# ***OFFICIAL*** 2013 NFL Discussion



## HitOrGetHit (Jun 29, 2009)

It's back


----------



## LL (Mar 12, 2011)

Saints fixing to make another title run brehs.


Sent from Verticalsports.com Free App


----------



## Killz (Oct 5, 2009)

Saints did look good on Sunday.


----------



## HitOrGetHit (Jun 29, 2009)

It was a shame Roddy White was playing injured. Falcons offense is so tough when everyone is healthy.


Sent from Verticalsports.com App


----------



## evilappendix (Jan 4, 2007)

Who dat??? Eked out another win yesterday, now 2-0 and in our division no less.

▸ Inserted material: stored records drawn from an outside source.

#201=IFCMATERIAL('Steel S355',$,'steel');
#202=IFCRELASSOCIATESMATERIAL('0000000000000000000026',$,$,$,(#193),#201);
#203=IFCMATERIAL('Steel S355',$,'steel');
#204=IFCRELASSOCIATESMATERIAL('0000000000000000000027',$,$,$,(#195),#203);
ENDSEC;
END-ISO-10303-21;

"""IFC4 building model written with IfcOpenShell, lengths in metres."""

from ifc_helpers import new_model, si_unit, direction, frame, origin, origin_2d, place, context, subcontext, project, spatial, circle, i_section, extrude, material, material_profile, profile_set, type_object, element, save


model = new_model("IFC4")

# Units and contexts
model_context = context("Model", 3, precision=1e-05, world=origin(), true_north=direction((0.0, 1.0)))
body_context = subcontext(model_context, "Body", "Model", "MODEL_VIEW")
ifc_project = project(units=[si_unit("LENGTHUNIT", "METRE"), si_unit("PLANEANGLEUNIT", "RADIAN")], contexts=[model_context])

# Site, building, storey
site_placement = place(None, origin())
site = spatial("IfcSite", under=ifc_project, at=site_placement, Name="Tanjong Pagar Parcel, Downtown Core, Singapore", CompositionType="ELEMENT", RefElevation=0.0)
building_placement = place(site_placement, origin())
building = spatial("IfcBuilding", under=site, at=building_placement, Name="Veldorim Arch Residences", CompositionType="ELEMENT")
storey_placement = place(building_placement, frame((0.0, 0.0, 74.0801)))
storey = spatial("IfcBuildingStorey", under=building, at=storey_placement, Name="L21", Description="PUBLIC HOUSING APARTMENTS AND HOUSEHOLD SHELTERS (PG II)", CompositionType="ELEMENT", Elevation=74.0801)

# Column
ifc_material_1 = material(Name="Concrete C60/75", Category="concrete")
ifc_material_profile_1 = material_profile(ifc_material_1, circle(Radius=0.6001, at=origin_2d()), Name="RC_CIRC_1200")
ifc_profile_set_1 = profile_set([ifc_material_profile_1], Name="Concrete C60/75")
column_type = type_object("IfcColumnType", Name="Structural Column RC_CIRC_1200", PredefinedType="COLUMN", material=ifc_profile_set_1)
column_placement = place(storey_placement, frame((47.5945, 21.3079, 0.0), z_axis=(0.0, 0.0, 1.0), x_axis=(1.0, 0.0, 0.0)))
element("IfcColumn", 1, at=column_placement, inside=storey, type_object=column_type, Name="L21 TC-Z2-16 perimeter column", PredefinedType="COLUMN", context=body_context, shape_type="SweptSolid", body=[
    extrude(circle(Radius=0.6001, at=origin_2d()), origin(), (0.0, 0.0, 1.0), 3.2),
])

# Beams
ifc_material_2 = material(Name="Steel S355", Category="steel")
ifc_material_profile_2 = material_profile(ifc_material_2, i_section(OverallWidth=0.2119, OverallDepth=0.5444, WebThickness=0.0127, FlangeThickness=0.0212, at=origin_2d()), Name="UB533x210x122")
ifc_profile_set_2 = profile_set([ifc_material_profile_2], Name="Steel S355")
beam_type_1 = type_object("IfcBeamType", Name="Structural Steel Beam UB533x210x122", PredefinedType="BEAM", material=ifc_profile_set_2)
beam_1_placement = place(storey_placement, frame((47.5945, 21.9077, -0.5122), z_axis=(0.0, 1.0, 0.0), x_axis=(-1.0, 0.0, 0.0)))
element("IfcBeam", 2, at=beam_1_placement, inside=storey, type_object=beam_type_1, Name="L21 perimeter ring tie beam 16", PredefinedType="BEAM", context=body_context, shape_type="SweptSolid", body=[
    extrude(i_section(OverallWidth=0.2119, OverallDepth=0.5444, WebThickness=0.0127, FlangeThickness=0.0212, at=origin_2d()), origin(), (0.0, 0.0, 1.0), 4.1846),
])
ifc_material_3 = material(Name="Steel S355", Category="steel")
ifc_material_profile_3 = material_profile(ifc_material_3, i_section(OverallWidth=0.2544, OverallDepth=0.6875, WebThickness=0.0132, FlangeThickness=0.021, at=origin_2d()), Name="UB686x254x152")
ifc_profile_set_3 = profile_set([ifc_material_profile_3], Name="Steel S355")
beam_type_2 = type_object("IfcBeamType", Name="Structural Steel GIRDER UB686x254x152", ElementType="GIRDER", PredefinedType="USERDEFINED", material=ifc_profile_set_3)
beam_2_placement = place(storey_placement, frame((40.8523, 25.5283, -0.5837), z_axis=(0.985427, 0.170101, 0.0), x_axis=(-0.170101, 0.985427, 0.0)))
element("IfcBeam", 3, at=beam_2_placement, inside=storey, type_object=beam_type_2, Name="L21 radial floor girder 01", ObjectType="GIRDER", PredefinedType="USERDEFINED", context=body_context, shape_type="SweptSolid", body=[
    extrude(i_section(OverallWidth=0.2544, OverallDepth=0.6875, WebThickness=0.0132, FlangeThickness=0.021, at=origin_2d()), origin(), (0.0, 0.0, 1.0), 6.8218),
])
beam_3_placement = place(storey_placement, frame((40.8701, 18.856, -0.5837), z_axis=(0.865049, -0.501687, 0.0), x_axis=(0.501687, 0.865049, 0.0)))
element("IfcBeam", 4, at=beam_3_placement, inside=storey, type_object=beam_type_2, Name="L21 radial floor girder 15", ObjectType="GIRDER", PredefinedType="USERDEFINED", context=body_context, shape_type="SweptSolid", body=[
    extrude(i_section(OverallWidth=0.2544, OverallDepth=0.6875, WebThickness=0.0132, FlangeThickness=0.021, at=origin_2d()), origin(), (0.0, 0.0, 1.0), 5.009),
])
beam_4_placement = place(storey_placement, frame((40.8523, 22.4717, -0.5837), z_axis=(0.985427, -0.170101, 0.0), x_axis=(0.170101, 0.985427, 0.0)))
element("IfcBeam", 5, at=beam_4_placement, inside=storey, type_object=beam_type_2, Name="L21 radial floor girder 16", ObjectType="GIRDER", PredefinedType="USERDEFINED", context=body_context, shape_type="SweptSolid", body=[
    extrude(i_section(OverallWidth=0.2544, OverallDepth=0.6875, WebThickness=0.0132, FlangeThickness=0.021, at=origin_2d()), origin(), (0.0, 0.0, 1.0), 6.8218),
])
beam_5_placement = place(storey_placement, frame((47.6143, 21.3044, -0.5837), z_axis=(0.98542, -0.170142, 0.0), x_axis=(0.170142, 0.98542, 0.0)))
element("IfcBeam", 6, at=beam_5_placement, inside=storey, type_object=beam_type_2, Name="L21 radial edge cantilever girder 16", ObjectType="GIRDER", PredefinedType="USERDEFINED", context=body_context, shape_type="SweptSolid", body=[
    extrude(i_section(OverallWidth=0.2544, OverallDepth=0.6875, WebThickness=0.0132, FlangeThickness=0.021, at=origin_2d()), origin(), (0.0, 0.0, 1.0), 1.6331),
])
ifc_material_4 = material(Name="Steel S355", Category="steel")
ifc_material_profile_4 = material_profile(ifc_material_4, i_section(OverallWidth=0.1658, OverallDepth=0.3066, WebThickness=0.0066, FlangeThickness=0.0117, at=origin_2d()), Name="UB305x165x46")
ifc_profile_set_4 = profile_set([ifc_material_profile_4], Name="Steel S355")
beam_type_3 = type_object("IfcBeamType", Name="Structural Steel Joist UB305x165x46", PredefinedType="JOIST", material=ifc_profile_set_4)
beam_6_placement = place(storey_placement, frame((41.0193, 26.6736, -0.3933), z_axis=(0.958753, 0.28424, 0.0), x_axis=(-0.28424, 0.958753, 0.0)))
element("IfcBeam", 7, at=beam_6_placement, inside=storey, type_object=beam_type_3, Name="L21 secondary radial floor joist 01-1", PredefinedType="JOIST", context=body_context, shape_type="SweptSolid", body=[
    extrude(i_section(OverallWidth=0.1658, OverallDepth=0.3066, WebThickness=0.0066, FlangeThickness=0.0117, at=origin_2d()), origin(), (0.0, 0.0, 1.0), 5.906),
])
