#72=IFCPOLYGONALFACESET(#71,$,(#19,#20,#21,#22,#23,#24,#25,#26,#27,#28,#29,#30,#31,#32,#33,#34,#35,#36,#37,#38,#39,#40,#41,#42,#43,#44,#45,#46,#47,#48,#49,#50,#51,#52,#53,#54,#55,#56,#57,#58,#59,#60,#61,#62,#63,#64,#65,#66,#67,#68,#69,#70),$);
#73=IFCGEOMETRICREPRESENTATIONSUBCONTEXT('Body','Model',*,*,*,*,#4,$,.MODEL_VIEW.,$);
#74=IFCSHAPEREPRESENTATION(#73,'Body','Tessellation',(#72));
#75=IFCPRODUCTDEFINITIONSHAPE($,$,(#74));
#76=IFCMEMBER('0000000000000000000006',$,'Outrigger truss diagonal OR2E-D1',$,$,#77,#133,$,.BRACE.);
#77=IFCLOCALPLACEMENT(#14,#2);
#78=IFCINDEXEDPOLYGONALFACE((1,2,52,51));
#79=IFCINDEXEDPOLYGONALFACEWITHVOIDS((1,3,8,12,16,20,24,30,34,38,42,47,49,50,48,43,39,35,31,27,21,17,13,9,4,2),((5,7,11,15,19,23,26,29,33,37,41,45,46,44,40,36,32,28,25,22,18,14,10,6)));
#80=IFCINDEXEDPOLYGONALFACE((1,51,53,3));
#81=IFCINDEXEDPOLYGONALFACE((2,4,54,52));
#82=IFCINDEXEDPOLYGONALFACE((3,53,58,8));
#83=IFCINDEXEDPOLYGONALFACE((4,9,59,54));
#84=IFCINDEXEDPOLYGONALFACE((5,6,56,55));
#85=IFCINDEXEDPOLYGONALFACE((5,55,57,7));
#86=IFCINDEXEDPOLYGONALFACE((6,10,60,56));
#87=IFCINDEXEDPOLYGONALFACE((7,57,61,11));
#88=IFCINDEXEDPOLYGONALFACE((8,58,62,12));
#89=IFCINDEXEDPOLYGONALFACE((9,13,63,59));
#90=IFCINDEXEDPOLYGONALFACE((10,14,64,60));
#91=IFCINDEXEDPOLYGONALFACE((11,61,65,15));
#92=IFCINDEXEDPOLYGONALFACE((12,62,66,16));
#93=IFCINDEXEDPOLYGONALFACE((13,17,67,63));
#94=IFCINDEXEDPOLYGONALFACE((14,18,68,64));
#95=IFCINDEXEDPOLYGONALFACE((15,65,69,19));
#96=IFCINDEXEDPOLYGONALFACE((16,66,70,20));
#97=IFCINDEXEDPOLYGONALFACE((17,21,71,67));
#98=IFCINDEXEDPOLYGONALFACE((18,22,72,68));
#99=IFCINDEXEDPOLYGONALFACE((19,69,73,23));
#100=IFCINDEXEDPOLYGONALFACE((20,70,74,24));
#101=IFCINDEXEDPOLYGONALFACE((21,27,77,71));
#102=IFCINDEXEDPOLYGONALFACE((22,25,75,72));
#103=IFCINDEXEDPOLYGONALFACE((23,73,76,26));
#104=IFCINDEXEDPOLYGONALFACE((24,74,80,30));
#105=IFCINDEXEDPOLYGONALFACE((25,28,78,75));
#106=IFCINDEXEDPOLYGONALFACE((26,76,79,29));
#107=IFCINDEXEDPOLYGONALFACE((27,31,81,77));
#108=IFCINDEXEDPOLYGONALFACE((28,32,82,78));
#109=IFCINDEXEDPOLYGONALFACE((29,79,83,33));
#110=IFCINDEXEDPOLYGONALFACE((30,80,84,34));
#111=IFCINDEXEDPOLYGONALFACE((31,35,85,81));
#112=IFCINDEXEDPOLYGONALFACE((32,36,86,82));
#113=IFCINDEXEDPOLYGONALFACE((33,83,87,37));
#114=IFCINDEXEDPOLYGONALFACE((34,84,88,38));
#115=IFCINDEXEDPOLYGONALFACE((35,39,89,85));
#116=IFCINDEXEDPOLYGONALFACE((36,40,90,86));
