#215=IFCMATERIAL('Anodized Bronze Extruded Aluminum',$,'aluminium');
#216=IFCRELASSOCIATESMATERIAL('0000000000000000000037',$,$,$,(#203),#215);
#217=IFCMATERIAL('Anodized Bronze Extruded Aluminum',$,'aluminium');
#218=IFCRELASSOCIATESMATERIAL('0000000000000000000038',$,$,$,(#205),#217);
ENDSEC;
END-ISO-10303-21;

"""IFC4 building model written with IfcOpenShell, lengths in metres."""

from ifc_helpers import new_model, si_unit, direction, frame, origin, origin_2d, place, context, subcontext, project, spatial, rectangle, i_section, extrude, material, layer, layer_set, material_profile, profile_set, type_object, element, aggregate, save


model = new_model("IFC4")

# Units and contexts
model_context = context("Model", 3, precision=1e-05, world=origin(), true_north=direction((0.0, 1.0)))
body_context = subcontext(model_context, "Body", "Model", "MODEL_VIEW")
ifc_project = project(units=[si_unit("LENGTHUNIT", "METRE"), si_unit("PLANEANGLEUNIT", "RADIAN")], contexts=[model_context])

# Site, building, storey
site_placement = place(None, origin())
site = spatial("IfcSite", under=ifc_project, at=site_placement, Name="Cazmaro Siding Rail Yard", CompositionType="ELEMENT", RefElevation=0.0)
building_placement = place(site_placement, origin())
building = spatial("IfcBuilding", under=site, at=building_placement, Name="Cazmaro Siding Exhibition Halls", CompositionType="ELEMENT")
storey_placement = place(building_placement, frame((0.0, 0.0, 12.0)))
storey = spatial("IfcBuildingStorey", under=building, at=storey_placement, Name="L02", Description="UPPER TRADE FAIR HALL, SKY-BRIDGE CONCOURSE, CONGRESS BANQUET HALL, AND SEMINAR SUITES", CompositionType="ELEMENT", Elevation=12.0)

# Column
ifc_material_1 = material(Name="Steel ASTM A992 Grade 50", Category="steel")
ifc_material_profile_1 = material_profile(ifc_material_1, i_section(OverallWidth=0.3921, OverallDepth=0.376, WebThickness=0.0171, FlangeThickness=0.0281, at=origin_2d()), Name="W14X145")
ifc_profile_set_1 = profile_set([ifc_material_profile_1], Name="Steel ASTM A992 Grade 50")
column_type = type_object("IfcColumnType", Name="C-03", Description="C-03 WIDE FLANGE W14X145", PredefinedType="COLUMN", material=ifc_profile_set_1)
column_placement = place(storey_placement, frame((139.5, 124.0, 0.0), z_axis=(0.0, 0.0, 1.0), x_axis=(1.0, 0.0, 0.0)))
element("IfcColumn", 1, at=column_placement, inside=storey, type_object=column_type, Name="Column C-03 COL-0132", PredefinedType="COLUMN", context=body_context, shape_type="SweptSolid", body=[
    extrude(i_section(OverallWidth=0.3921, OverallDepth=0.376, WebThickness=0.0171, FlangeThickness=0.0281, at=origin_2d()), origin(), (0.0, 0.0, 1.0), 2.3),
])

It's not a Saints game unless I'm cursing at the television though. :laugh:


----------



## dlxrevolution (Jul 16, 2009)

Being a Panthers fan is so GD depressing...


----------



## Big_Charm (Jan 7, 2011)

My Steelers are taking a swan dive off the cliff as we speak ...:eek02:

Broncos and Seahawks are looking deep, I see that being the Championship game potentially at the SB, possibly the Patriot in the mix again too.


----------



## HitOrGetHit (Jun 29, 2009)

The Broncos are ridiculous. So much talent on that team.


----------



## HitOrGetHit (Jun 29, 2009)

RG3 is looking awesome today!


----------